# Schnauzer mix that looks more like a Hav..



## rdanielle (Sep 2, 2008)

So, I was scouting out Petfinder for my best friend who lives in FL. Suprisingly, not too many Havs down there. I came across this guy & I think they're mistaken what breed he is. What do u guys think?

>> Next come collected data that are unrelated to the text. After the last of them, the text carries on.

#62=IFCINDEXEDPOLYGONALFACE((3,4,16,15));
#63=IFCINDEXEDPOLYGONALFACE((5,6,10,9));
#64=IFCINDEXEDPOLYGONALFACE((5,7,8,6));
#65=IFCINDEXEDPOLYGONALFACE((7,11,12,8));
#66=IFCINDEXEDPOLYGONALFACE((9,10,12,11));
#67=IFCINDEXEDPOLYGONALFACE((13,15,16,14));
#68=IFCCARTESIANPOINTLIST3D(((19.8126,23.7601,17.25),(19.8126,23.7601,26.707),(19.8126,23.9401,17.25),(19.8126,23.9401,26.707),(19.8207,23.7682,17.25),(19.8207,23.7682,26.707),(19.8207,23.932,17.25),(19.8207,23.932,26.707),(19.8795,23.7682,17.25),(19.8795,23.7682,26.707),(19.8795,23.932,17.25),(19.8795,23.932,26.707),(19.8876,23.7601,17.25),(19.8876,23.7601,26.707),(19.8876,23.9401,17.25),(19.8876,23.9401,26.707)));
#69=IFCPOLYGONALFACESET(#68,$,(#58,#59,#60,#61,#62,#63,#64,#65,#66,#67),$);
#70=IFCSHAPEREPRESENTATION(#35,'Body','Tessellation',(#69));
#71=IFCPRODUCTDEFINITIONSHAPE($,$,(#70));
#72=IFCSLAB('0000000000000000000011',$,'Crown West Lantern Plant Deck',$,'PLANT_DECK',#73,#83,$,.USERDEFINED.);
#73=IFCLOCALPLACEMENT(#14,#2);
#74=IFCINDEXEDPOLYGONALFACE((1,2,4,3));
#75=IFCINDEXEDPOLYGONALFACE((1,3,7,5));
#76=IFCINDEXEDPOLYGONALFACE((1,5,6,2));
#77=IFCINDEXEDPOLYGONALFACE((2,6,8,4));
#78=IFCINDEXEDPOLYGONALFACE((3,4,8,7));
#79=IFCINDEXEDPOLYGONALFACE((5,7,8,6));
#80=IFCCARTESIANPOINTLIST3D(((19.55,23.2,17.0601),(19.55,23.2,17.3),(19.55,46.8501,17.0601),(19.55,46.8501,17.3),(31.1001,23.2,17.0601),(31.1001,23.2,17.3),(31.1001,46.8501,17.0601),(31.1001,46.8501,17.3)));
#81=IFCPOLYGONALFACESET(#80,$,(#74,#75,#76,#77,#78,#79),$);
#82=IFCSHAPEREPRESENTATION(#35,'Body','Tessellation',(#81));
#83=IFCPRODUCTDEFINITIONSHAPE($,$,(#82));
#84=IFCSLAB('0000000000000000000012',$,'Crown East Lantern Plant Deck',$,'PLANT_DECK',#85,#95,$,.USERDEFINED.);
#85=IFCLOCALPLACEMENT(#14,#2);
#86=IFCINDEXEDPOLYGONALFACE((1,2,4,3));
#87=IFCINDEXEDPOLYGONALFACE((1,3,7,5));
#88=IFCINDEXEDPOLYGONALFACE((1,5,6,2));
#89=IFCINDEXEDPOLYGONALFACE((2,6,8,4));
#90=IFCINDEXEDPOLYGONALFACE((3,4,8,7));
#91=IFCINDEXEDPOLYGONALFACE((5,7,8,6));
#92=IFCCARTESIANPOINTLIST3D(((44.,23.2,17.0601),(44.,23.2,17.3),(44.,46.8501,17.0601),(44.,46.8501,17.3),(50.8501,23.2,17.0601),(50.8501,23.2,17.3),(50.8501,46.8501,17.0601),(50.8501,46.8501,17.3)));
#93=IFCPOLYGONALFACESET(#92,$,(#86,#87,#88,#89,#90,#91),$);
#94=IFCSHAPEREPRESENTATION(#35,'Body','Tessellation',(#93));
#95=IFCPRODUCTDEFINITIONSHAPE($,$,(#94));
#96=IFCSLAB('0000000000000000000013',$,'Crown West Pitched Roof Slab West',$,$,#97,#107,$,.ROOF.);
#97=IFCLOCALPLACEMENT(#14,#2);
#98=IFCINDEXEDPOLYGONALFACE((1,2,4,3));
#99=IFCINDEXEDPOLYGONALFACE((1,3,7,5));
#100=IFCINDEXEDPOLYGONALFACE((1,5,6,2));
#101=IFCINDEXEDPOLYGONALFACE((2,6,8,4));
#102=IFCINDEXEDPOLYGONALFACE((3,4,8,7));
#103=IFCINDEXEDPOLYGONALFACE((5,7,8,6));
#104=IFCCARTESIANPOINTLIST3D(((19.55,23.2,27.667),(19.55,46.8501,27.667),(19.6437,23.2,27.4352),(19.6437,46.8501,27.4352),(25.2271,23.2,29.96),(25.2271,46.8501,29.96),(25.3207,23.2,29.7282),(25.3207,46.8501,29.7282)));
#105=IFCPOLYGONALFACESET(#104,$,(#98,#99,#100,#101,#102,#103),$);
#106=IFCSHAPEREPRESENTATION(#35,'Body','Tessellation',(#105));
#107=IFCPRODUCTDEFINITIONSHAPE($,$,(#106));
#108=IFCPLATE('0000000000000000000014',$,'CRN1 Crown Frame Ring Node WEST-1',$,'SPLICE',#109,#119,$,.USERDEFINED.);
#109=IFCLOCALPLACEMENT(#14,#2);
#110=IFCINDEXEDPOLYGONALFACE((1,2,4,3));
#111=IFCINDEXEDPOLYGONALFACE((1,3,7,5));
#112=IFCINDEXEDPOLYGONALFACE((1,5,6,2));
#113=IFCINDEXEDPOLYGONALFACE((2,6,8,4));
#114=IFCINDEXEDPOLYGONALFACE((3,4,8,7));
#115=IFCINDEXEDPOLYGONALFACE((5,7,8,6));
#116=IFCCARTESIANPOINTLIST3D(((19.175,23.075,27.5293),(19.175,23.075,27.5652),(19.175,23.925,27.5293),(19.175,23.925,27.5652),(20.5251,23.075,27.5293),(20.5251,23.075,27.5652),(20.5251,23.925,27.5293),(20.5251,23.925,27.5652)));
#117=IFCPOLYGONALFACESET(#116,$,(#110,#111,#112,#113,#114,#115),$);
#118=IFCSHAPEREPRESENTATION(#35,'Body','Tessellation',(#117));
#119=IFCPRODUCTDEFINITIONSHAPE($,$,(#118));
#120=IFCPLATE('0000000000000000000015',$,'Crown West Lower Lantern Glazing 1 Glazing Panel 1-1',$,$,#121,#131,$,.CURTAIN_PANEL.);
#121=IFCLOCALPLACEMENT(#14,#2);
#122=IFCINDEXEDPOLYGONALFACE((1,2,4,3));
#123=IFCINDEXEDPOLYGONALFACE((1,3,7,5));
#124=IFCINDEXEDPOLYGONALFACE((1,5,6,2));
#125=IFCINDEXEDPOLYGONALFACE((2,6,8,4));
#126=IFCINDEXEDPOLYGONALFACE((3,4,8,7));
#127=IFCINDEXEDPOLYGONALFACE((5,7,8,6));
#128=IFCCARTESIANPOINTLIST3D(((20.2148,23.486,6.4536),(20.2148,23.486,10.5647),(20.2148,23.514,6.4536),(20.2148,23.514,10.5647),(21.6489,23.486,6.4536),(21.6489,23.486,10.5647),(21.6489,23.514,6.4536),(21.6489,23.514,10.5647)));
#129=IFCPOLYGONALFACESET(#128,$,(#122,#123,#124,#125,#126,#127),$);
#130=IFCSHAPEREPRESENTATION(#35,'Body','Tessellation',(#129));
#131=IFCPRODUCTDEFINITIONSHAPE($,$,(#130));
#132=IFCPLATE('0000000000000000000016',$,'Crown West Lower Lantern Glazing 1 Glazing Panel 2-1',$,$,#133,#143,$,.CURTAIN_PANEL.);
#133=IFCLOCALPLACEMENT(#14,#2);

http://www.petfinder.com/petnote/displaypet.cgi?petid=14481792


----------



## Sheri (Oct 11, 2008)

Whoa, he looks like Hav to me from that photo!


----------



## pjewel (Apr 11, 2007)

I see no schnauzer in him. He looks like a hav to me.


----------



## mellowbo (Aug 12, 2007)

I vote Havanese!
Carole


----------



## rdanielle (Sep 2, 2008)

yeah, I'm goin to email them. I'm fwding this to my friend  I wish he was a girl bc my friend has a grouchy 6 year old male Shih Tzu..


----------



## Lynn (Jan 2, 2007)

someone messed up there....that is a havanese.


----------



## rdanielle (Sep 2, 2008)

So, I just emailed them. I found a Hav pic similiar to his marking & suggested that if they list him as a Hav that it'd increase his chances of finding a placement as their aren't many Havs listed in the state of FL.


----------



## marb42 (Oct 19, 2008)

OMG, he's adorable, and he does look like a Hav. They were way off on that one.
Gina


----------



## hedygs (May 23, 2007)

Looks more like a Hav to me. Wait til he does his first RLH and it will be confirmed.


----------



## good buddy (Feb 20, 2007)

Pure Hav in my opinion. I hope your friened likes him! He looks like a real catch!


----------



## Pixiesmom (Jul 31, 2008)

I cannot believe this- I was at that exact shopping center at that exact time on Saturday. I didn't go into Petsmart though! Sheesh!!


----------



## princessp (Aug 2, 2009)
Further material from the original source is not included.